2. Chromonemes and chromomeres
The chromonema is each of the filaments that make up the chromatid These filamentous structures are composed of DNA and proteins. When they roll up, they give rise to the chromomere, which joins with others like rosary beads within the chromosome. Chromomeres are granules that accompany the chromoneme along its length and, therefore, each of them contains a more or less high number of genes.
3. Centromere
The centromere It is defined as the narrow region of a chromosome that separates a short arm from a long arm Said colloquially, it is the center of the X, understanding this letter as the three-dimensional shape of the chromosome.
In any case, it should be noted that, despite its name, the centromere is not located exactly in the chromosomal center. The centromere is in the primary constriction, but this can be located more “above” or “below” the vertical plane.
So that, Each chromatid will divide into 2 arms, one short (p) and the other long (q) This gives the chromosome a total of 4 arms, remember that each one is made up of 2 sister chromatids. Based on these anatomical changes, the following types of chromosomes are conceived:
4. Kinetochore
It is a protein structure located on the centromere of the upper chromosomes. Its function is essential, since the microtubules of the mitotic spindle are anchored to the kinetochore key elements for the partitioning of genetic information to occur during mitosis.
5. Secondary constraints
They are regions of the chromosome that are found at the ends of the arms In some cases, these places correspond to the area where the genes responsible for being transcribed as RNA are located.
Telomeres are the ends of chromosomes These are highly repetitive and non-coding sequences (they do not contain genes that are transcribed into proteins), whose main function is to give the chromosome resistance and stability. These structures are especially interesting, since they contain the bases of physiological senescence and old age of living beings.

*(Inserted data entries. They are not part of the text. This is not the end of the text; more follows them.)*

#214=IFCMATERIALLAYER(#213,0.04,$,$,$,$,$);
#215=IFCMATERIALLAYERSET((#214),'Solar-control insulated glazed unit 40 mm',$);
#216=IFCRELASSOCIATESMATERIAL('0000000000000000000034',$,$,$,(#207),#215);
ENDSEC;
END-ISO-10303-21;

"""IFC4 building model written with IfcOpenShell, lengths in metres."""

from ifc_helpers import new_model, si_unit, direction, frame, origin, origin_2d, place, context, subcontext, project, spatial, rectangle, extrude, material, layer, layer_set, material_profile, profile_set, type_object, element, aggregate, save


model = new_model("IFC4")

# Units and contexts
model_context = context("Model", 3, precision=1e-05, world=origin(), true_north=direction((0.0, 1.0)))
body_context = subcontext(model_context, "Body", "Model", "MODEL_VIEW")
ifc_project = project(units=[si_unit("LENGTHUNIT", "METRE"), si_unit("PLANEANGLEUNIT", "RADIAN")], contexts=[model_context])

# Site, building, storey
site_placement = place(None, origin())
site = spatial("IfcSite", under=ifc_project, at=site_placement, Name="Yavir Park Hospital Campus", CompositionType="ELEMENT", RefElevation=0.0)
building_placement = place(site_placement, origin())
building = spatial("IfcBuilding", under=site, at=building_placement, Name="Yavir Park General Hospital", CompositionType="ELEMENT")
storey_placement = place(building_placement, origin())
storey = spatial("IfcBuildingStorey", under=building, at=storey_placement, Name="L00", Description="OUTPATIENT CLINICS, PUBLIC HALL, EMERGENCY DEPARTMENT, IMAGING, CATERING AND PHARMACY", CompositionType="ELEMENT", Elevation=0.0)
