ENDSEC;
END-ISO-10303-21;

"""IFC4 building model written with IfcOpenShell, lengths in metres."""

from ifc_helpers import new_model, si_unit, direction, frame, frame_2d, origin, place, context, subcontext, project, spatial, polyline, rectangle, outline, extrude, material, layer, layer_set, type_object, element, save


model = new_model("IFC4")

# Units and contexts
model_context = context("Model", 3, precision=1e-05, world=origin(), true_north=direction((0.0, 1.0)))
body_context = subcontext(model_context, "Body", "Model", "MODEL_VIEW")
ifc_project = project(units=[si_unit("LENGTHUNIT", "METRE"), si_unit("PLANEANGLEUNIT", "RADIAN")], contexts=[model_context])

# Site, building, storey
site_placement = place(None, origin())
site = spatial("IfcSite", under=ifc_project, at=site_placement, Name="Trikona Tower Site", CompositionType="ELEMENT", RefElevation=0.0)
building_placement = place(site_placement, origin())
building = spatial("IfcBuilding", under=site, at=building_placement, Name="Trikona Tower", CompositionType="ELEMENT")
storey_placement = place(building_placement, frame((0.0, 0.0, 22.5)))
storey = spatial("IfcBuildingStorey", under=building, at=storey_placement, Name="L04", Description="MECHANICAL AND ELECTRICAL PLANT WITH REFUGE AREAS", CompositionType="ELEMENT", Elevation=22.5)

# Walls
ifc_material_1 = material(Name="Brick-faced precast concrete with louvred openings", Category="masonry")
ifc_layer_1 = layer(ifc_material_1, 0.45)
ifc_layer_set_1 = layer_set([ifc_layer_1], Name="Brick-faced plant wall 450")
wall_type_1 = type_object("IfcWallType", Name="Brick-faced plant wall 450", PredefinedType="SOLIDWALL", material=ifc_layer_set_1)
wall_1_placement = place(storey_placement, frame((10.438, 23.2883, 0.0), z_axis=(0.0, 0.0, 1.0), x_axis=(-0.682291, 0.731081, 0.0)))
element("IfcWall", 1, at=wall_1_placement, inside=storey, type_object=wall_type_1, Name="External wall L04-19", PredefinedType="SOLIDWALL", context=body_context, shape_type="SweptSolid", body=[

With each mitosis, telomeres shorten a little more, since DNA duplication is not perfect in somatic cells There comes a point at which a last cell line will no longer be able to divide due to the reduced size of the telomeres and, therefore, the tissue will die with the cell bodies, unable to rebuild itself with new cells. This explains a large part of cell death (and therefore organisms).
As a final curiosity, it should be noted that There is an enzyme (telomerase) that rebuilds telomeres during fetal development At the moment of birth, somatic cells cut off their activity, so it is the organism itself that programs its senescence. Ironic as it may seem, many malignant tumors have cells with high telomerase activity: if a cell is capable of dividing “infinitely” and does not die, it is not difficult to imagine that it could become cancer.
Summary
We have taken this opportunity to tell you, in a summary way, the foundations of one’s own life and inheritance. To talk about chromosomes is to encompass a whole, since DNA explains each and every one of the physical and emotional manifestations at the level of both the individual and the species.
This double helix contains the secret of life, because thanks to it we remain dead even after centuries in the genetic imprint of our relatives and relatives. Non-human living beings develop all their behaviors based on this premise: remaining at an individual level is not important, since the ultimate goal is to spread the genes as much as possible and leave an indelible mark.